I have an answer to this, but also a caution!

Caution:

Everyone likes to have a slide in their analyst briefing decks that shows all the adjacent markets you’ll eventually conquer. (We have one too so no shade).

But I would caution that there’s a difference between building a narrative that gives prospects (and partners and investors) faith that you have a vision—and focusing too quickly on “could be” use cases too early. It takes a really, really mature sales and marketing motion to start solution selling. Too soon and you’ll completely dilute your message on your website, in sales convos, in campaigns, etc. Your most viable prospect will have trouble sorting what you do, and might even think you do “too much” for them.

Answer:

If you think you’ve nailed not only product-market fit but go-to-market fit (apologies to the person I’m stealing this concept from! It’s not mine and I can’t remember who coined it but I love it)—in that your marketing and sales machine is dialed in, it’s time to consider new markets and use cases.

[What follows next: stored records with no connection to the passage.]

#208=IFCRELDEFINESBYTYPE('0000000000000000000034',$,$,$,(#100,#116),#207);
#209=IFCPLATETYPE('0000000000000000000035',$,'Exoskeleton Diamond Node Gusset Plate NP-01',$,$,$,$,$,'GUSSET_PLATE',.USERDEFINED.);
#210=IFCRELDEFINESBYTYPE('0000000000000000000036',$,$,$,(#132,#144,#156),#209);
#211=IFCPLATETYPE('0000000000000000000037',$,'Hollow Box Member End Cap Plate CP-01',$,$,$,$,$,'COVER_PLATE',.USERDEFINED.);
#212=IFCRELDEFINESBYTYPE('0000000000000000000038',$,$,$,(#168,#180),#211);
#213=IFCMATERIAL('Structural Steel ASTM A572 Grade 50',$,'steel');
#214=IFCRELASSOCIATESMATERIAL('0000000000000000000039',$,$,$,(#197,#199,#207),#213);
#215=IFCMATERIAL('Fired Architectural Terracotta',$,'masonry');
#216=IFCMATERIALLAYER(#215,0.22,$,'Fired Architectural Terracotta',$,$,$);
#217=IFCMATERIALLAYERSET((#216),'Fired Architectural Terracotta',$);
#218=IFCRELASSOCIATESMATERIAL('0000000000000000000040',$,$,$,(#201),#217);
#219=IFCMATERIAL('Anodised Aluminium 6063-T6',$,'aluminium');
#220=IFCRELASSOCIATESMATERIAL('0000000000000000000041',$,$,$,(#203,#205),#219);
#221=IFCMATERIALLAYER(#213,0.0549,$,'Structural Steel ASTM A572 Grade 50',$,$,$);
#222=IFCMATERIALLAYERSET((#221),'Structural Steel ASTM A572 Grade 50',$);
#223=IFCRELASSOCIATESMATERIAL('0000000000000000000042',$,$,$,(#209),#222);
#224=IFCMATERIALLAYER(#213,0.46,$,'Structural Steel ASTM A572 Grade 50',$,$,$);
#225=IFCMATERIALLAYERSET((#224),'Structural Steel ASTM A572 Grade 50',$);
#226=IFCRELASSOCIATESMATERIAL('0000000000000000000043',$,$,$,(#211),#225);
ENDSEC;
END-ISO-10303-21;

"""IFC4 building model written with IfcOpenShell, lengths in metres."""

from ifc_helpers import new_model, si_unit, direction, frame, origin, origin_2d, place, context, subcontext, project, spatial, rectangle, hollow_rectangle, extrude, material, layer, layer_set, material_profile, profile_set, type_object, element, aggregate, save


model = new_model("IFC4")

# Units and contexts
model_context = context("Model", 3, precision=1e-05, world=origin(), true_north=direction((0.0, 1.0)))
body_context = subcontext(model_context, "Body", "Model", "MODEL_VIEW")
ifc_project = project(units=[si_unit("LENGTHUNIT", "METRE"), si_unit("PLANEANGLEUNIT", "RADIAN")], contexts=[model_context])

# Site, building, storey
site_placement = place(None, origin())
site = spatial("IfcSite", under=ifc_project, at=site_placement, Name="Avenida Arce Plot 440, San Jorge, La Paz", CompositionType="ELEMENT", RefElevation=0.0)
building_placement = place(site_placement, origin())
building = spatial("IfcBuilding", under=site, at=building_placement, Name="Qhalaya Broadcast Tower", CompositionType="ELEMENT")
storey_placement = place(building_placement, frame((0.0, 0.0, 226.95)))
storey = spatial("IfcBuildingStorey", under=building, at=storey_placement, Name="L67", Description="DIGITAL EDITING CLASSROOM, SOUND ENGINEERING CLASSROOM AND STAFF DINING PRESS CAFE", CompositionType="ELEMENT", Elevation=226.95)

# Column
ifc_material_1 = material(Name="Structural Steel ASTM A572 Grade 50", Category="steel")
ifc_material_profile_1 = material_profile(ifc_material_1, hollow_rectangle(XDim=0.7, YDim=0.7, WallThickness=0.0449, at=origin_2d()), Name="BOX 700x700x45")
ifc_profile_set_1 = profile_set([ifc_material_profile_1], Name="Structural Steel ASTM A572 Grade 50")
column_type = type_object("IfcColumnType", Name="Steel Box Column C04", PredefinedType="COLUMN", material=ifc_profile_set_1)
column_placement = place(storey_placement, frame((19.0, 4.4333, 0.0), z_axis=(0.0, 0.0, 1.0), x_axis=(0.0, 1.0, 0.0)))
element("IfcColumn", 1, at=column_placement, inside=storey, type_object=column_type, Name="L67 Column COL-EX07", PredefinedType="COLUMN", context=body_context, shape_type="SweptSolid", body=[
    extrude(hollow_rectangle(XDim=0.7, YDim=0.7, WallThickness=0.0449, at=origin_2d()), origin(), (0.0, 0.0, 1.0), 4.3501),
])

Where I think you’re likely to see this organically (customers asking rather than your founders asking whether this is something customers could want) is when companies in your ICP that do truly understand your product, start evaluating you against a “simpler” solution. It’s easy to quickly dismiss these—“oh they do a fraction of what we do”—but these are the solutions that are worth a second look. If your customer is comparing you to something simpler it’s probably because they have a short-term use case that they want help on right now. And they’ve decided you can’t help. That’s a great place to consider expanding your product or marketing motion. But you’ll need critical mass of interest. Interview those customers, and create a new market survey asking about the pains that those solutions solve and how they solve them today.

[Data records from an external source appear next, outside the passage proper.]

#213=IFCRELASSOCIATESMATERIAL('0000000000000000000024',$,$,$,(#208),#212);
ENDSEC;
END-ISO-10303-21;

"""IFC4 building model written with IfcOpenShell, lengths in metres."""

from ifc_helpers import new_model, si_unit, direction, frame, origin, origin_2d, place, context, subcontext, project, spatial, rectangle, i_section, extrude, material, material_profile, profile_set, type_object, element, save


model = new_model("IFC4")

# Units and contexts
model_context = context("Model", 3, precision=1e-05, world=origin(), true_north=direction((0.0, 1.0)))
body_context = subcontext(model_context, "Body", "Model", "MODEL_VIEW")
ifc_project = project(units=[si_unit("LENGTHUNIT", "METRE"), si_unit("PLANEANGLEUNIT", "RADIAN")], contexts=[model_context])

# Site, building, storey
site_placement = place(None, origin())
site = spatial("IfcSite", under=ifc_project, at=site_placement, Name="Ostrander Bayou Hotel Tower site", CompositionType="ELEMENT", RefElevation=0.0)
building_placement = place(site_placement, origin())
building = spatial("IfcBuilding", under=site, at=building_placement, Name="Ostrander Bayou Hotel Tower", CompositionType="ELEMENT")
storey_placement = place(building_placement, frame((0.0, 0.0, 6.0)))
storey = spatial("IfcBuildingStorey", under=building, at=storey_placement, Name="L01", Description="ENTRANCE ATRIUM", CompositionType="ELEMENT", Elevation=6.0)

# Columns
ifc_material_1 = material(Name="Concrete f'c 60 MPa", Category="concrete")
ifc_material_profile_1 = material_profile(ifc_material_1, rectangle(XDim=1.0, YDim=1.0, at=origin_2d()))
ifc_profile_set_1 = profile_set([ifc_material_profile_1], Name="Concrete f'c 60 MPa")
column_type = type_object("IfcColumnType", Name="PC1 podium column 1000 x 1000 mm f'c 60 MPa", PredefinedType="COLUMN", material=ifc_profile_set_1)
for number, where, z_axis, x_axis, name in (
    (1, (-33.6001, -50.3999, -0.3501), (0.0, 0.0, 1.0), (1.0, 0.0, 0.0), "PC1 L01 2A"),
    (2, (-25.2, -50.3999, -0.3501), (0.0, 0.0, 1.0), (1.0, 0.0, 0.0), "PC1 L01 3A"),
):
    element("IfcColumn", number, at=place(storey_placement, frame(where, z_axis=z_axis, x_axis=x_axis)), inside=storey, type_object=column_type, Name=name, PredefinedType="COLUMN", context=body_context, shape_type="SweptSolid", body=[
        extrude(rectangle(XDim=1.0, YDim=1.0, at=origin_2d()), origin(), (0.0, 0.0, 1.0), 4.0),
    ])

Importantly: Make sure what you’re considering accelerates deals rather than slows them. Sounds obvious, but for example, if your buyer is the VP of Marketing and you’re considering adding something they thought would make the product more attractive to their Sales counterpart, you need to ensure adding that feature or marketing motion doesn’t just introduce one more stakeholder into your buying process. If you’re comfortable with that, for certain segments, great. Otherwise it could overcomplicate things.